Svengal heaved himself up onto the railing with her, staring after the riders.
'I really don't know how you do it,' he told her quietly. He had watched the Araluans mount, then move away, sitting easily as if each was suddenly part of the animal itself. It was a skill he knew he would never, ever master. It looked like such fun, he thought. But it had nothing to do with the clutching, lurching, fearful clumsiness he felt when he ascended to a horse's back.
She saw the slight wistfulness in his eyes and patted his hand.
'It's not hard. It just takes practice,' she said. 'I could teach you.'
But he shook his head. 'It's the practice that's the hard part,' he replied, absentmindedly rubbing his backside, where his muscles still had a faint memory of the ride to Redmont and back.
'Skipper!' Axel called down, from the lookout position on the cross tree of the mast. Svengal looked up and saw his arm outstretched to the north.
'We've got company,' Axel continued. Svengal shaded his eyes. Far to the north, on the low hills inland from the beach, he saw a glint of sunlight on metal – a helmet or a shield. A small cloud of dust could be seen as well. Riders, he thought.
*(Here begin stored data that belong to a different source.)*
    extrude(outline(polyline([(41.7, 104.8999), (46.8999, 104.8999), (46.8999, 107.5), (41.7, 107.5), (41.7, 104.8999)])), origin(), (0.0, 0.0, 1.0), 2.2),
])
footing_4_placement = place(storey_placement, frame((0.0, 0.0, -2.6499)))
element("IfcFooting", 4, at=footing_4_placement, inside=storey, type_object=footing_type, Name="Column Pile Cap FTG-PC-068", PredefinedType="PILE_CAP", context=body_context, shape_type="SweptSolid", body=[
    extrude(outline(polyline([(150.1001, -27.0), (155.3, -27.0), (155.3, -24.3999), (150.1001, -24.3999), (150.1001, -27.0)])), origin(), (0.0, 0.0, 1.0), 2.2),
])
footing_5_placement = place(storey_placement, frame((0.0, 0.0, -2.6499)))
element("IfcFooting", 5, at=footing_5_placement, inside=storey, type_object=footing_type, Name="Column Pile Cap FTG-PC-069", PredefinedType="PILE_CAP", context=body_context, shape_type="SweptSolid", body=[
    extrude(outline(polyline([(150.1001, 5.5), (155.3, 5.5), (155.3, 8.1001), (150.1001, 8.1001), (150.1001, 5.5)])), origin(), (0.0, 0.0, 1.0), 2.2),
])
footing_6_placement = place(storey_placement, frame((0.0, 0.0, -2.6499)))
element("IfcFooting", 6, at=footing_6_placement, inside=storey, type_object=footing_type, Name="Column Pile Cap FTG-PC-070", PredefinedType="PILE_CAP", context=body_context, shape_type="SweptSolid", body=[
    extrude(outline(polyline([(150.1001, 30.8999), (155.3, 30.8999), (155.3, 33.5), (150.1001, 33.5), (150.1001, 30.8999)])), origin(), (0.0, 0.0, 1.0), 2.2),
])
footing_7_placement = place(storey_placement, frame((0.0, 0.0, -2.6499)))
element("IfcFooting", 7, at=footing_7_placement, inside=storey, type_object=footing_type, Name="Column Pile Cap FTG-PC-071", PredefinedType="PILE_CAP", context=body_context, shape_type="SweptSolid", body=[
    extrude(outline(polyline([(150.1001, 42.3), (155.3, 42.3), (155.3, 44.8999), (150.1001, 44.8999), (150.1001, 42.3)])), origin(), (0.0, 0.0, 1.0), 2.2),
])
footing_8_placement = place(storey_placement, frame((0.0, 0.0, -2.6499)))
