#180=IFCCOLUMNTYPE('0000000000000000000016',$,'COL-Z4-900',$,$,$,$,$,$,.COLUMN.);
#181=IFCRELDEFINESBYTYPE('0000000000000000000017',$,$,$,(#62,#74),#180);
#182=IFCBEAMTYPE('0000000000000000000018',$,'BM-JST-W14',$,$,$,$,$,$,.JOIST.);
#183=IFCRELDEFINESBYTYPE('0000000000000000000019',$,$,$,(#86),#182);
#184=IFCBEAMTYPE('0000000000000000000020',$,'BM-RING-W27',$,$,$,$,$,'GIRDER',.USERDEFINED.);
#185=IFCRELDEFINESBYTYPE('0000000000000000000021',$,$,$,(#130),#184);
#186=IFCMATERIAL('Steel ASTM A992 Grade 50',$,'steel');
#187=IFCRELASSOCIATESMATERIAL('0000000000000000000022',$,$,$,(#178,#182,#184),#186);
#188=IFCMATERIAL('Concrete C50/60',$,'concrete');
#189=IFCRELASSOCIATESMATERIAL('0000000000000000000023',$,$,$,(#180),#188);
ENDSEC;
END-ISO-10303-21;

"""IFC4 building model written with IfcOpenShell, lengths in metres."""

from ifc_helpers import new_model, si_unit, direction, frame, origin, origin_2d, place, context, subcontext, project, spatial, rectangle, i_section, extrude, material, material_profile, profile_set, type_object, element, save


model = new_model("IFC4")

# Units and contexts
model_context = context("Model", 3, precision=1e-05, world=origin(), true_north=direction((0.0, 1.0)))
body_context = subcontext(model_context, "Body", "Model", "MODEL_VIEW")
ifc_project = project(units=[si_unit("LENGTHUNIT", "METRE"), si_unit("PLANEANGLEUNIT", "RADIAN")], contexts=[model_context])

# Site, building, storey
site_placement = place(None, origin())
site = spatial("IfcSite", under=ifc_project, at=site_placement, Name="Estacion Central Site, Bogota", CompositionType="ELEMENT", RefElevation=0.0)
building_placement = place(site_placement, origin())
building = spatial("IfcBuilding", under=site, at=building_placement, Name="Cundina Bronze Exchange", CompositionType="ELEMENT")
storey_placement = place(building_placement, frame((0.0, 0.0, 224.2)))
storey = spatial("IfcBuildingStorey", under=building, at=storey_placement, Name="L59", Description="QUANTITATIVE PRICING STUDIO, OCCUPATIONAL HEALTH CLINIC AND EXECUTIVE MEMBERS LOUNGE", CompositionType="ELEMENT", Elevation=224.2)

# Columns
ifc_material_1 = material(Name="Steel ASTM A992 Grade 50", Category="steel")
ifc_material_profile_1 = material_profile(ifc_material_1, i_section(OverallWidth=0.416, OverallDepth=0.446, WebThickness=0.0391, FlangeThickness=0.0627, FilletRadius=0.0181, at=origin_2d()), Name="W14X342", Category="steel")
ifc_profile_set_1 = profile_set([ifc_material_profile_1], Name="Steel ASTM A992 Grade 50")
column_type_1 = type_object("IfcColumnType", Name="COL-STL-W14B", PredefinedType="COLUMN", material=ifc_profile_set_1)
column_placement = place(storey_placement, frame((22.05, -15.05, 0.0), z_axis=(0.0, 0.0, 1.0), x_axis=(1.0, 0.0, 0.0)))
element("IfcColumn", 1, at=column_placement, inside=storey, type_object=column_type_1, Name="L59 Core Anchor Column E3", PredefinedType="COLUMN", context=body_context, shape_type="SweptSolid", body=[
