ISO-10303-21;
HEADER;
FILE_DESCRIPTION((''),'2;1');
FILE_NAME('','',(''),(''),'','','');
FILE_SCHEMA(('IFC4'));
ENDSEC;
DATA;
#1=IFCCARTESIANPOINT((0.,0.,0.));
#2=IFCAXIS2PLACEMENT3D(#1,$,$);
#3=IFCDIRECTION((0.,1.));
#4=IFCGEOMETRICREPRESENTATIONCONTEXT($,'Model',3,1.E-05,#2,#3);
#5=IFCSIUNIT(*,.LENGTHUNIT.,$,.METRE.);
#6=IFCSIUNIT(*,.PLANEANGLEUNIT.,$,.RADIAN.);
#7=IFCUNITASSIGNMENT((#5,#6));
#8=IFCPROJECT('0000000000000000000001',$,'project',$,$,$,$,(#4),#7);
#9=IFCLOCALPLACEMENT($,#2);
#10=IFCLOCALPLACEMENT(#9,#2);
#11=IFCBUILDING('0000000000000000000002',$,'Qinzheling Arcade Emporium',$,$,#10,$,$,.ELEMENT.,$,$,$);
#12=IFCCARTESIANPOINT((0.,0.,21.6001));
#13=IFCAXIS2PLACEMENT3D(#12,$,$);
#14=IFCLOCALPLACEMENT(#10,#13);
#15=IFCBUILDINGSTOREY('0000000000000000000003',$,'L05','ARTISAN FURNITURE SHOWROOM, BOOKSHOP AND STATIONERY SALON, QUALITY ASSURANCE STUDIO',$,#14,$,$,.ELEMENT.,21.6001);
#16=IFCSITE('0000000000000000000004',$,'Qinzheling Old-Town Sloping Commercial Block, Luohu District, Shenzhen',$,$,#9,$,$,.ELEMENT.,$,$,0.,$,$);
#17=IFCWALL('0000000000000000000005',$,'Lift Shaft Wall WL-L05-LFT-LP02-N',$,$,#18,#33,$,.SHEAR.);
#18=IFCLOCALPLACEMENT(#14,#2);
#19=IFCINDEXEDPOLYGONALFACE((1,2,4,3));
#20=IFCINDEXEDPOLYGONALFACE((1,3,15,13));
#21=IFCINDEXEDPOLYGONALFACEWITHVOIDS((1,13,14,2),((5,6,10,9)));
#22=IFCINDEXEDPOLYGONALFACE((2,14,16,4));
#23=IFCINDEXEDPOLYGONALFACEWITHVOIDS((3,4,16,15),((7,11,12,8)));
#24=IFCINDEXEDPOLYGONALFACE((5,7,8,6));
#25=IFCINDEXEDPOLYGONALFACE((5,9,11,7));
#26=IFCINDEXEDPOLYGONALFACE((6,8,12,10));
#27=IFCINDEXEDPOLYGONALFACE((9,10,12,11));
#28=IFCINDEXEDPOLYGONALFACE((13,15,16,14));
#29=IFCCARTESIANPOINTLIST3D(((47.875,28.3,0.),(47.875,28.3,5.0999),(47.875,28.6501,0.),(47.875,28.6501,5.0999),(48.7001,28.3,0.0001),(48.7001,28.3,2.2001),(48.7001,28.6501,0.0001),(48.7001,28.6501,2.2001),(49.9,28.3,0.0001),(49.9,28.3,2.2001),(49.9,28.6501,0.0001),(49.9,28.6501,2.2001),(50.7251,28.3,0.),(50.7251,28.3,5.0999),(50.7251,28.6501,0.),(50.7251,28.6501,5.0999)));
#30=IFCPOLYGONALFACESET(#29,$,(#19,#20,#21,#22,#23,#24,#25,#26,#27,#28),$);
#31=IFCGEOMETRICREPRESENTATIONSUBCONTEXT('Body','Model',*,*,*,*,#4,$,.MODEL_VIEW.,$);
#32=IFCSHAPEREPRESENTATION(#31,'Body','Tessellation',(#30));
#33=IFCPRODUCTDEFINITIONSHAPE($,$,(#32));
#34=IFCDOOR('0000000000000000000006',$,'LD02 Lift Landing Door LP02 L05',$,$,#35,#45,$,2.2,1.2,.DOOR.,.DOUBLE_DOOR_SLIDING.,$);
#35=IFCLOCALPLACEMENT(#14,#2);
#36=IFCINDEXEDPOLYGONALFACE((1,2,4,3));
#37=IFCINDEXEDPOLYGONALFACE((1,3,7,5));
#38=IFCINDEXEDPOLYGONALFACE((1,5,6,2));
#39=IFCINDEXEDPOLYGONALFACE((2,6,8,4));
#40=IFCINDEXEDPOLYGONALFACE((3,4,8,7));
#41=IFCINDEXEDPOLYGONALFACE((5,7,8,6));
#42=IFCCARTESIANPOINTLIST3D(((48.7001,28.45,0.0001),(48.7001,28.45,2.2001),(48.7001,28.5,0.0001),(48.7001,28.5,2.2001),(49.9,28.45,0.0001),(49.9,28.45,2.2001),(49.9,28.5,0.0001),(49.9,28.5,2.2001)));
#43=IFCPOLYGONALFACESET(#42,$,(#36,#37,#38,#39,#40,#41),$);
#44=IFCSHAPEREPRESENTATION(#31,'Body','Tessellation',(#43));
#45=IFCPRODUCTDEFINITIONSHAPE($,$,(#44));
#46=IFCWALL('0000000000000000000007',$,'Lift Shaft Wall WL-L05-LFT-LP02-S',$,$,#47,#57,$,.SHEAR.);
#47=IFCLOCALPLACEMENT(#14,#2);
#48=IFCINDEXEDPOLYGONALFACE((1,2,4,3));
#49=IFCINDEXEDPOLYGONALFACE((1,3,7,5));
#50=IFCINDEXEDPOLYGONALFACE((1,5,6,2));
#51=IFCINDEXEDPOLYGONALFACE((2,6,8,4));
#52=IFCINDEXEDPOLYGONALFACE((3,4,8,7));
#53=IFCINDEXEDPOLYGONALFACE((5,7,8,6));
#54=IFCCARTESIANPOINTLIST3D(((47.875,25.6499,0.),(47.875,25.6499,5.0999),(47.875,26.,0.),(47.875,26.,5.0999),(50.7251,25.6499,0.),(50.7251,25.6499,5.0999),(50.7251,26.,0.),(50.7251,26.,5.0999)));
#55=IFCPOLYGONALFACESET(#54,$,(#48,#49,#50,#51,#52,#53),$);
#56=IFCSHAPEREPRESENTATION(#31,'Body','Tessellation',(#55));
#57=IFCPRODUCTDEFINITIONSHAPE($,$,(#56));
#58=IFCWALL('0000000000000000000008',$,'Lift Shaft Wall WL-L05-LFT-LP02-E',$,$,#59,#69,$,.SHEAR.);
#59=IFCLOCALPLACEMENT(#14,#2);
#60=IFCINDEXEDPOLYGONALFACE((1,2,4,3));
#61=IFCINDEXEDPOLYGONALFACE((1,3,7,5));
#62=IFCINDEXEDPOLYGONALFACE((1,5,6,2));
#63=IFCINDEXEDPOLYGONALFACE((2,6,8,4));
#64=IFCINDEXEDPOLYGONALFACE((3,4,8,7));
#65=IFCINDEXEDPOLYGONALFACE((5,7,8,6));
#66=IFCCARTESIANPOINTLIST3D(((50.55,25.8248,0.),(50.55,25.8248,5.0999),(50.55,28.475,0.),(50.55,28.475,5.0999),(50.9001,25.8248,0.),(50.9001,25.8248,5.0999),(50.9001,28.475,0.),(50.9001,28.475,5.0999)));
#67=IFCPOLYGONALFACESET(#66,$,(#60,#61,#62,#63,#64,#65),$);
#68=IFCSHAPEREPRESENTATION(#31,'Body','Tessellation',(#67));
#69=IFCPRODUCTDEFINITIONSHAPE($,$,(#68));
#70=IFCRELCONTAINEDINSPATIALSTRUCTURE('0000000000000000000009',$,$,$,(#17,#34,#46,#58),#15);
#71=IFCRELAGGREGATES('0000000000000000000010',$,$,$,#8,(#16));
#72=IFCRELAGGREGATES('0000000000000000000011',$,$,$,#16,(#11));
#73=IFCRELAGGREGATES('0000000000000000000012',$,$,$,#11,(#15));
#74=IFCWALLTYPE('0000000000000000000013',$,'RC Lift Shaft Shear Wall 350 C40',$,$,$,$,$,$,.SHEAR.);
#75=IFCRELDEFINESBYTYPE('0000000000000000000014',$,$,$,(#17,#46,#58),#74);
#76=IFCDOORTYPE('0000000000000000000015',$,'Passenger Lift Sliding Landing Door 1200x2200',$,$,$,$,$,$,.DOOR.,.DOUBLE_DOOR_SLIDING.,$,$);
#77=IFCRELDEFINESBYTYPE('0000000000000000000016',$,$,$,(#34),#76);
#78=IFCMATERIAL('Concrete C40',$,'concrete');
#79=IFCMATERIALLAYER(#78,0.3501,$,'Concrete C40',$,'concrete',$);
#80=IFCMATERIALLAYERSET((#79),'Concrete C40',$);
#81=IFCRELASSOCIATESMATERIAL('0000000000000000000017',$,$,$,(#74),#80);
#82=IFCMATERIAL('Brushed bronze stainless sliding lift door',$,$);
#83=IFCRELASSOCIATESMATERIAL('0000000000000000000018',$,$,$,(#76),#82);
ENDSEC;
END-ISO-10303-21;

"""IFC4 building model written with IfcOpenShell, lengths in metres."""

from ifc_helpers import new_model, si_unit, direction, frame, frame_2d, origin, place, context, subcontext, project, spatial, rectangle, extrude, material, layer, layer_set, type_object, element, fill, save


model = new_model("IFC4")

# Units and contexts
model_context = context("Model", 3, precision=1e-05, world=origin(), true_north=direction((0.0, 1.0)))
body_context = subcontext(model_context, "Body", "Model", "MODEL_VIEW")
ifc_project = project(units=[si_unit("LENGTHUNIT", "METRE"), si_unit("PLANEANGLEUNIT", "RADIAN")], contexts=[model_context])

# Site, building, storey
site_placement = place(None, origin())
site = spatial("IfcSite", under=ifc_project, at=site_placement, Name="Qinzheling Old-Town Sloping Commercial Block, Luohu District, Shenzhen", CompositionType="ELEMENT", RefElevation=0.0)
building_placement = place(site_placement, origin())
building = spatial("IfcBuilding", under=site, at=building_placement, Name="Qinzheling Arcade Emporium", CompositionType="ELEMENT")
storey_placement = place(building_placement, frame((0.0, 0.0, 21.6001)))
storey = spatial("IfcBuildingStorey", under=building, at=storey_placement, Name="L05", Description="ARTISAN FURNITURE SHOWROOM, BOOKSHOP AND STATIONERY SALON, QUALITY ASSURANCE STUDIO", CompositionType="ELEMENT", Elevation=21.6001)

# Shared definitions
ifc_material_1 = material(Name="Concrete C40", Category="concrete")

# Shared definitions
ifc_layer_1 = layer(ifc_material_1, 0.3501, Name="Concrete C40", Category="concrete")
ifc_layer_set_1 = layer_set([ifc_layer_1], Name="Concrete C40")
wall_type_1 = type_object("IfcWallType", Name="RC Lift Shaft Shear Wall 350 C40", PredefinedType="SHEAR", material=ifc_layer_set_1)
ifc_material_2 = material(Name="Brushed bronze stainless sliding lift door")
door_type = type_object("IfcDoorType", Name="Passenger Lift Sliding Landing Door 1200x2200", OperationType="DOUBLE_DOOR_SLIDING", PredefinedType="DOOR", material=ifc_material_2)

# Wall, opening, door
wall_1_placement = place(storey_placement, frame((47.875, 28.4751, 0.0), z_axis=(0.0, 0.0, 1.0), x_axis=(1.0, 0.0, 0.0)))
wall_1 = element("IfcWall", 1, at=wall_1_placement, inside=storey, type_object=wall_type_1, Name="Lift Shaft Wall WL-L05-LFT-LP02-N", PredefinedType="SHEAR", context=body_context, shape_type="SweptSolid", body=[
    extrude(rectangle(XDim=2.8501, YDim=0.3501, at=frame_2d((1.425, 0.0))), origin(), (0.0, 0.0, 1.0), 5.0999),
])
opening_1_placement = place(wall_1_placement, frame((0.825, 0.0, 0.0)))
opening_1 = element("IfcOpeningElement", 2, at=opening_1_placement, cuts=wall_1, PredefinedType="OPENING", context=body_context, shape_type="SweptSolid", body=[
    extrude(rectangle(XDim=1.2, YDim=2.2, at=frame_2d((0.6001, 1.1001))), frame((0.0, 0.1851, 0.0), z_axis=(0.0, -1.0, 0.0), x_axis=(1.0, 0.0, 0.0)), (0.0, 0.0, 1.0), 0.3701),
])
door_1_placement = place(opening_1_placement, origin())
door_1 = element("IfcDoor", 3, at=door_1_placement, inside=storey, type_object=door_type, Name="LD02 Lift Landing Door LP02 L05", OperationType="DOUBLE_DOOR_SLIDING", OverallHeight=2.2, OverallWidth=1.2, PredefinedType="DOOR", context=body_context, shape_type="SweptSolid", body=[
    extrude(rectangle(XDim=1.2, YDim=2.2, at=frame_2d((0.6001, 1.1001))), frame((0.0, 0.0249, 0.0), z_axis=(0.0, -1.0, 0.0), x_axis=(1.0, 0.0, 0.0)), (0.0, 0.0, 1.0), 0.05),
])
fill(opening_1, door_1)

# Walls
wall_2_placement = place(storey_placement, frame((50.7251, 25.825, 0.0), z_axis=(0.0, 0.0, 1.0), x_axis=(-1.0, 0.0, 0.0)))
element("IfcWall", 4, at=wall_2_placement, inside=storey, type_object=wall_type_1, Name="Lift Shaft Wall WL-L05-LFT-LP02-S", PredefinedType="SHEAR", context=body_context, shape_type="SweptSolid", body=[
    extrude(rectangle(XDim=2.8501, YDim=0.3501, at=frame_2d((1.425, 0.0))), origin(), (0.0, 0.0, 1.0), 5.0999),
])
wall_3_placement = place(storey_placement, frame((50.7251, 28.4751, 0.0), z_axis=(0.0, 0.0, 1.0), x_axis=(0.0, -1.0, 0.0)))
element("IfcWall", 5, at=wall_3_placement, inside=storey, type_object=wall_type_1, Name="Lift Shaft Wall WL-L05-LFT-LP02-E", PredefinedType="SHEAR", context=body_context, shape_type="SweptSolid", body=[
    extrude(rectangle(XDim=2.6501, YDim=0.3501, at=frame_2d((1.3252, 0.0))), origin(), (0.0, 0.0, 1.0), 5.0999),
])

save(model, "model.ifc")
And quite a lot of them. He shrugged. It wasn't too surprising. Even though this was a sparsely inhabited part of the coast, the Iberians would have patrols out, and the sight of a beached wolfship would be a matter for investigation. The riders were still at least an hour away, he estimated. There was plenty of time to recall the four Araluans, load the horses aboard and sail away. But it was best to be careful.
'Better call them back,' he told a crewman, standing by with a ramshead horn for that purpose.
The man nodded, took a deep breath and blew two long blasts – the agreed recall signal.
Three kilometres down the beach, Halt heard the long mournful blasts. He reined in, signalling the others to do the same, and swivelled in the saddle, looking back along the beach to the ship. From his position, he couldn't see the approaching horsemen. But he knew Svengal would have a good reason for sounding the recall.
'Time to get back,' he said. 'Let's give them a… '
Before he could finish the statement, Will and Tug were away, the little horse's legs churning as he shot to a full gallop within the space of a few strides. Blaze was close behind him and Horace and Kicker lumbered behind the other two, slowly building to the battlehorse's thundering full speed.
'… run,' Halt said to nobody but himself. Then he touched Abelard with his knee and the finely trained horse shot away like an arrow from a bow. He'd catch Kicker, Halt knew. But there was no way he'd make up ground on Blaze and Tug.